Well, I've never read it, but have read a few threads on here about it. As far as I understand, it's a time-out technique used to eliminate negative/problem behaviors. It's basically just giving three chances, on the third you put the child in T/O, but maybe someone who's read it can elaborate more.

I think it sounds like it could be effective, especially in a family. But I don't think it's appropriate to punish a three year old for talking/fiddling during song time.


----------



## ScootchsMom (Feb 12, 2007)

I wouldn't send her. I don't like the idea of using discipline for not joining in with singing. IMHO, that is extremely controlling and really, what do they expect from 3 year olds? DD has gotten 2 or 3 time outs in her life, all of them for hitting me and not stopping after several warnings. I would never dream of giving her a time out because she doesn't want to participate in something







:

Liz


----------



## ScootchsMom (Feb 12, 2007)

Quote:


Originally Posted by *natensarah* 
Well, I've never read it, but have read a few threads on here about it. As far as I understand, it's a time-out technique used to eliminate negative/problem behaviors. It's basically just giving three chances, on the third you put the child in T/O, but maybe someone who's read it can elaborate more.

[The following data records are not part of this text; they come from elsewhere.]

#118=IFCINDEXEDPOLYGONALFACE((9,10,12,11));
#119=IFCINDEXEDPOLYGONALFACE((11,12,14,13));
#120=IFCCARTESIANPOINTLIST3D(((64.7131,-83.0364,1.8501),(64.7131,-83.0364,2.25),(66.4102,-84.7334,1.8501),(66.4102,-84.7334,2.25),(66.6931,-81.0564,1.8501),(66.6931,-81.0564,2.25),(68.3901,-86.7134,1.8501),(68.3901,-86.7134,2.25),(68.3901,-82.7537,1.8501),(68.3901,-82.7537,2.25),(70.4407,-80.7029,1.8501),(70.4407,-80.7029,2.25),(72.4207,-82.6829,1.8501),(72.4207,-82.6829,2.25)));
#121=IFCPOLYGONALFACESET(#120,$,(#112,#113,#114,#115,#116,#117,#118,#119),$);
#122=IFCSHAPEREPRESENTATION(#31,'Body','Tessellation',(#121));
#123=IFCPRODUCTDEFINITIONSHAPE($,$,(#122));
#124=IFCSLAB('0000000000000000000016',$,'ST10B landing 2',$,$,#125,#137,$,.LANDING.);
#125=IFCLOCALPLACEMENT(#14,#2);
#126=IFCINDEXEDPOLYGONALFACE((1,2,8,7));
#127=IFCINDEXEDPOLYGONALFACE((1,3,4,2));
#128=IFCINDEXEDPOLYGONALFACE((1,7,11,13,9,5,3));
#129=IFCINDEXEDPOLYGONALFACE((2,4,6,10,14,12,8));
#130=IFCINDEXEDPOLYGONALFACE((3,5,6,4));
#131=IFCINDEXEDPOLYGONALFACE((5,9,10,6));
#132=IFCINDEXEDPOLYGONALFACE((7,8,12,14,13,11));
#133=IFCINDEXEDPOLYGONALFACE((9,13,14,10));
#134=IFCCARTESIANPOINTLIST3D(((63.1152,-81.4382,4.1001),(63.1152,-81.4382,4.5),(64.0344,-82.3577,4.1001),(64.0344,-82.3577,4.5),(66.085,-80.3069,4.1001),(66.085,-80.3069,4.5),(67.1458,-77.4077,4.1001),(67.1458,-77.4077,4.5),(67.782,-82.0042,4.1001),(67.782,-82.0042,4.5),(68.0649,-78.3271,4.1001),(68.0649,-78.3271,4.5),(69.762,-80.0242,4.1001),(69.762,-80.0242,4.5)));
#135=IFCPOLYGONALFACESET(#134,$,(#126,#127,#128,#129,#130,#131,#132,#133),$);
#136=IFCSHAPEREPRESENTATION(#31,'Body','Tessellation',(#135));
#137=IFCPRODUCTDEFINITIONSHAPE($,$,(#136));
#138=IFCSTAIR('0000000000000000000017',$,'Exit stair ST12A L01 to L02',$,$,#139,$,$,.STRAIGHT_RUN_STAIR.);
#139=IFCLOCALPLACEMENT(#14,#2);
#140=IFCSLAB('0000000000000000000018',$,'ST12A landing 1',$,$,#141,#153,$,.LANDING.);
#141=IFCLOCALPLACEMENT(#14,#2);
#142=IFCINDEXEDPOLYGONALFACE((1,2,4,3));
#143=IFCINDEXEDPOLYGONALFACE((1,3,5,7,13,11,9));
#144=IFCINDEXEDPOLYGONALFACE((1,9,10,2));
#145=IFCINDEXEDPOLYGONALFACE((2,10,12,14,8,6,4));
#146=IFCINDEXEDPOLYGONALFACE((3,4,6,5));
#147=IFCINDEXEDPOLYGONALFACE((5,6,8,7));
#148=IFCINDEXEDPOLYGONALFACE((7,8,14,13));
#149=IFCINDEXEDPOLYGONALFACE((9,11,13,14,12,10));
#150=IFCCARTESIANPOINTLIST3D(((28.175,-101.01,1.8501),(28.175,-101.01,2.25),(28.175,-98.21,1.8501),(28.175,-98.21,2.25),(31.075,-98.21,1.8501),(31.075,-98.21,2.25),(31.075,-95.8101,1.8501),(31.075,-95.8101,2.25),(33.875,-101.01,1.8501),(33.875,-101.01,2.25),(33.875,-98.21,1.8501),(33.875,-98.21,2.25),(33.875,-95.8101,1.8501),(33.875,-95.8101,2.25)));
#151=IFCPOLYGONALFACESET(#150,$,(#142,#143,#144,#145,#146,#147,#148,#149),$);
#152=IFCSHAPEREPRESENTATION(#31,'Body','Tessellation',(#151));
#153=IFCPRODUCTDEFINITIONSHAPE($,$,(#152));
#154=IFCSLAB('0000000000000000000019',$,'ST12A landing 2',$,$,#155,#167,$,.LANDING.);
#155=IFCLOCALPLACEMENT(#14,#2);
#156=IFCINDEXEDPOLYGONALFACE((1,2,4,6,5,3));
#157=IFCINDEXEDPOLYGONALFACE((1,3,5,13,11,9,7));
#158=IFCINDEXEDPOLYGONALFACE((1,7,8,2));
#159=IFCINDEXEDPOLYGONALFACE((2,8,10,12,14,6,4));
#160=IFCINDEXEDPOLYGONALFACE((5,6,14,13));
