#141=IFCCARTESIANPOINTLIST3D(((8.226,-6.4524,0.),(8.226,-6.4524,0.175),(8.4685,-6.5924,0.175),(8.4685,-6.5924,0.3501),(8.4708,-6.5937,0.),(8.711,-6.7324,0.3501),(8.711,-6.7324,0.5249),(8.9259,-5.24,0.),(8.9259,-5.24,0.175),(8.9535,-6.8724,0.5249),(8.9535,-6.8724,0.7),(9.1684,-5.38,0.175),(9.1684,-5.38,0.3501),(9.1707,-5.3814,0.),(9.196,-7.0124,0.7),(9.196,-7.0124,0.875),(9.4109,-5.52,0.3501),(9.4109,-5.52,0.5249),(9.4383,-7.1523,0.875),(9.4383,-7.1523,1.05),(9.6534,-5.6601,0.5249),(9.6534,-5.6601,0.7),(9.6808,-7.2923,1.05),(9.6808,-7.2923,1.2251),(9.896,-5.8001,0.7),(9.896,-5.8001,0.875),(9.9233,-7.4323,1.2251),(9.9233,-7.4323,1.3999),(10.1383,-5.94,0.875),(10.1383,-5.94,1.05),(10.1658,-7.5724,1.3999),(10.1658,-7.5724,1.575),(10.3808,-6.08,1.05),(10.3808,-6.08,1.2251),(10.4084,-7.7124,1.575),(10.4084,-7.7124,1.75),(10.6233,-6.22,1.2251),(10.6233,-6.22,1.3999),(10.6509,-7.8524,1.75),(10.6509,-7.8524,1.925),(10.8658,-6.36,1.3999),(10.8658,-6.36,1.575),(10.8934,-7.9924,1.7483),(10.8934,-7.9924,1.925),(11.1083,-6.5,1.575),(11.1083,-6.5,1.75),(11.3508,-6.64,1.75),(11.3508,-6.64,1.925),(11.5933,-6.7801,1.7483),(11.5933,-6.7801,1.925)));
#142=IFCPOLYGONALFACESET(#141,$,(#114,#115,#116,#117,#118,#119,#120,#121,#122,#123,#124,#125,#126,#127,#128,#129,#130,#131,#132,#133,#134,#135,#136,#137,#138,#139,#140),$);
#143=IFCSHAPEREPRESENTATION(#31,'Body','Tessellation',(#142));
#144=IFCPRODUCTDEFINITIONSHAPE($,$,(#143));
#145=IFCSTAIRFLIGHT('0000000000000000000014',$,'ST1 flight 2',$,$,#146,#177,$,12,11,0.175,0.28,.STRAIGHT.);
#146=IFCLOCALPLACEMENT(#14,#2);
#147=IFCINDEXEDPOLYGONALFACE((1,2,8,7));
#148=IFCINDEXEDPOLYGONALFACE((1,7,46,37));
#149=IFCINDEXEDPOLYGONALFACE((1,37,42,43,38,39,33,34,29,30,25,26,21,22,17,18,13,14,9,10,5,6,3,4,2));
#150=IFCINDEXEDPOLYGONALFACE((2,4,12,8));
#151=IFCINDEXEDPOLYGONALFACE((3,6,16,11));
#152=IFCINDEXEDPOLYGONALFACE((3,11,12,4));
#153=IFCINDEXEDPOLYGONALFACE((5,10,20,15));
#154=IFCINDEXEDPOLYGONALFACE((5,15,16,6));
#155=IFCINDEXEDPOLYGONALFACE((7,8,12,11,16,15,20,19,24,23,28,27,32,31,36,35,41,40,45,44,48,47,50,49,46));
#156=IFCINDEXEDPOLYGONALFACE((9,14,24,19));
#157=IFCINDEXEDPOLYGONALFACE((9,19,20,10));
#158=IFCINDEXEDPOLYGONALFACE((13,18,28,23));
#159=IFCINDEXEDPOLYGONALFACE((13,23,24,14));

I think it sounds like it could be effective, especially in a family. But I don't think it's appropriate to punish a three year old for talking/fiddling during song time.

We cross-posted







I've read the book, it is just a time-out technique based on 2 warnings and on the 3rd the child goes to time out. But, the book does talk about effectively parenting to prevent the situations that warrant a time out and cuts down on temper tantrums. It was an interesting read, not my favorite, but I didn't even finish the book. I've had much more success with DD after reading the Spirited Child book









Liz


----------



## DevaMajka (Jul 4, 2005)

wow, I'd be really frustrated too.
I have to say that, personally, I wouldn't want ds to go somewhere where he may be put in a time out. Even if it were only for "safety issues" like not singing with the group.







:









How did she like her first day?


----------



## Twocoolboys (Mar 10, 2006)

Quote:


Originally Posted by *natensarah* 
However, in the first three minutes I heard the main instructor IMMEDIATELY resort to counting for a little boy who wasn't singing along. He was only three, I would really think that mandatory participation is a lot to ask.

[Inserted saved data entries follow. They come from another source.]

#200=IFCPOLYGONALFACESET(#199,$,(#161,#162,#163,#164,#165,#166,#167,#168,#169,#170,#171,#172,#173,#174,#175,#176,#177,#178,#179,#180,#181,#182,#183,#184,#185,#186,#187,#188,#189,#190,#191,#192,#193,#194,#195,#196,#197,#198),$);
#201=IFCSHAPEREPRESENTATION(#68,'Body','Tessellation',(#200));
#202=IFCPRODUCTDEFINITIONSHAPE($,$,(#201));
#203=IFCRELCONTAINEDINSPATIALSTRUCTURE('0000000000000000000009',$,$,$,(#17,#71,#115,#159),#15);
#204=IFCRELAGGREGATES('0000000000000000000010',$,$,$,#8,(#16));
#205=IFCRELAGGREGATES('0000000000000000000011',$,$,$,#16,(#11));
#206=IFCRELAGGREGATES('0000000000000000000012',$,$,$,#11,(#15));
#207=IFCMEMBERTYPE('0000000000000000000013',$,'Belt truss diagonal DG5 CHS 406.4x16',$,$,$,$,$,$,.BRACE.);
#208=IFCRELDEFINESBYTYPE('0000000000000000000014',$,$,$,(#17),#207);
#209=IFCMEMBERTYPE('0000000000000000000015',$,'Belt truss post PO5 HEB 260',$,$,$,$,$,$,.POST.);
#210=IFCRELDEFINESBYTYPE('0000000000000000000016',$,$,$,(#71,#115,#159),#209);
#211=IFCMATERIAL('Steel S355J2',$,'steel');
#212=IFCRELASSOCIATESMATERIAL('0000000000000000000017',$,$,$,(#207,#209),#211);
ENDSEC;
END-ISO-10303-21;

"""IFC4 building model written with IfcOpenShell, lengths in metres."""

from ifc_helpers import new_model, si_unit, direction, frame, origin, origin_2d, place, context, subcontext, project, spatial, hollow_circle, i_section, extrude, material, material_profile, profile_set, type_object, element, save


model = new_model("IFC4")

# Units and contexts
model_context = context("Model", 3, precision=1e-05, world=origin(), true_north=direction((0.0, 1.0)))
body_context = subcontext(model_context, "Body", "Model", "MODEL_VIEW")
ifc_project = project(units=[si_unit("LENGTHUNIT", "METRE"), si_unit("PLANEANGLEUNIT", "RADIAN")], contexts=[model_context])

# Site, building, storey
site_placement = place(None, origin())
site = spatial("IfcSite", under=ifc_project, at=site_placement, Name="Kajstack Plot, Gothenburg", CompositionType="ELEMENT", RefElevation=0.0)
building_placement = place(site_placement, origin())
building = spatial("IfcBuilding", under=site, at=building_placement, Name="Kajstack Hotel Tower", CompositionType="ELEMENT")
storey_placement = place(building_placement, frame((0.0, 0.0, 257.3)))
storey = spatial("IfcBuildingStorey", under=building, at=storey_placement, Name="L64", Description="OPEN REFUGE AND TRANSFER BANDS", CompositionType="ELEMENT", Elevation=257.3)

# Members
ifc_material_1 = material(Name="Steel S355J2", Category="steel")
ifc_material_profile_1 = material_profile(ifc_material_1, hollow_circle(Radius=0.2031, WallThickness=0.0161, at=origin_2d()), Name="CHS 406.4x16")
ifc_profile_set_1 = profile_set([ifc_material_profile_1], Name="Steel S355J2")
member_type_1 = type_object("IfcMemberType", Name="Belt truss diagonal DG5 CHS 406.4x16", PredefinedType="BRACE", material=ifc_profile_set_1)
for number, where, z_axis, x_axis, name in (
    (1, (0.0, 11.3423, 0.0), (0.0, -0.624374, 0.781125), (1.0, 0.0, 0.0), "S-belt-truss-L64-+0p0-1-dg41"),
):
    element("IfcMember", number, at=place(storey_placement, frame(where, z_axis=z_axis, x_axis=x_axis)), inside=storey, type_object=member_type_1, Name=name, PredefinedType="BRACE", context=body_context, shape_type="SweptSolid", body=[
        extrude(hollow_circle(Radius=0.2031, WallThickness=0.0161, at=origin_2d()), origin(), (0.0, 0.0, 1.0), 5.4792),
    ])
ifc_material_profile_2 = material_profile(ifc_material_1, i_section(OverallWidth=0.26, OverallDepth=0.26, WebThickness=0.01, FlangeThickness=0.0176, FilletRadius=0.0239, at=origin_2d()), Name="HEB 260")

Anyway, I'm feeling very disgruntled because I felt like there was a very adversarial air to the place, and I was hoping it was going to be fun. I guess I'll wait and see what my dd thinks. Has anyone else's dc enjoyed a preschool that wasn't so hot, and left them in there?

I just pulled my 3 year old out of a preschool that had that same adversarial air to it. They were very strict with the kids. For example, during circle time (which was way too long for 3 year olds - sometimes 40 minutes) the kids sat in three rows so there were kids sitting behind other kids. The teachers made it mandatory that all the kids sit "criss cross applesauce" so that no one got kicked in the back. Well, this is a pretty hard task for 3 year old's to do. It is just natural that they want to stretch their legs out and then they would accidently kick the kid in front of them in the back. Instead of thinking up a different seating arrangement, the teachers just harped on it.

I found a preschool that is more play based that my son and I both LOVE. The atmosphere is so relaxing and has been right from the minute we walked in the door for the first time.

For their circle time, they have a big circle taped on the carpet. All the kids sit on the circle. The teachers don't care how they sit, they just have to be on their bums. Since they are in a circle, they can see everyone's face and no one's feet are aimed at anyone else's back. Circle time is also much shorter, probably because they aren't spending time keeping the kids sitting a specific way - lol.

Anyway, that is just one of the many reasons why we left the first preschool and is way more than you wanted to know, I'm sure. But, it doesn't hurt to keep looking for a different school and change if you find one you like better.


----------



## PaxMamma (Jul 22, 2005)

i've watched the video. basically, you count to 3 to give the kid a chance to comply, and then put them in timeout, one minute for each year of age. no discussion.

my kids attend a licensed montessori preschool. montessori does not endorse rewards or punishments. most behaviors are redirected or explanations of appropriateness are given. i work there 9 hours/week. the only "timeout" i've seen was when a student was out of control, endangering other students. they took her out of the class and she was able to return when she calmed herself. this was highly unusual, and it was only a question of her hurting herself or others. she was also given many, many chances to calm herself w/in the environment first.


----------



## mistymama (Oct 12, 2004)

They used 1-2-3 Magic at my son's preschool last year. I was worried at first because I read the book and HATED it. Sure, there are worse things, but the whole concept just left a bitter taste in my mouth.

Of course, I found out they rarely used it, and it was only after redirection and other more GD methods were not working.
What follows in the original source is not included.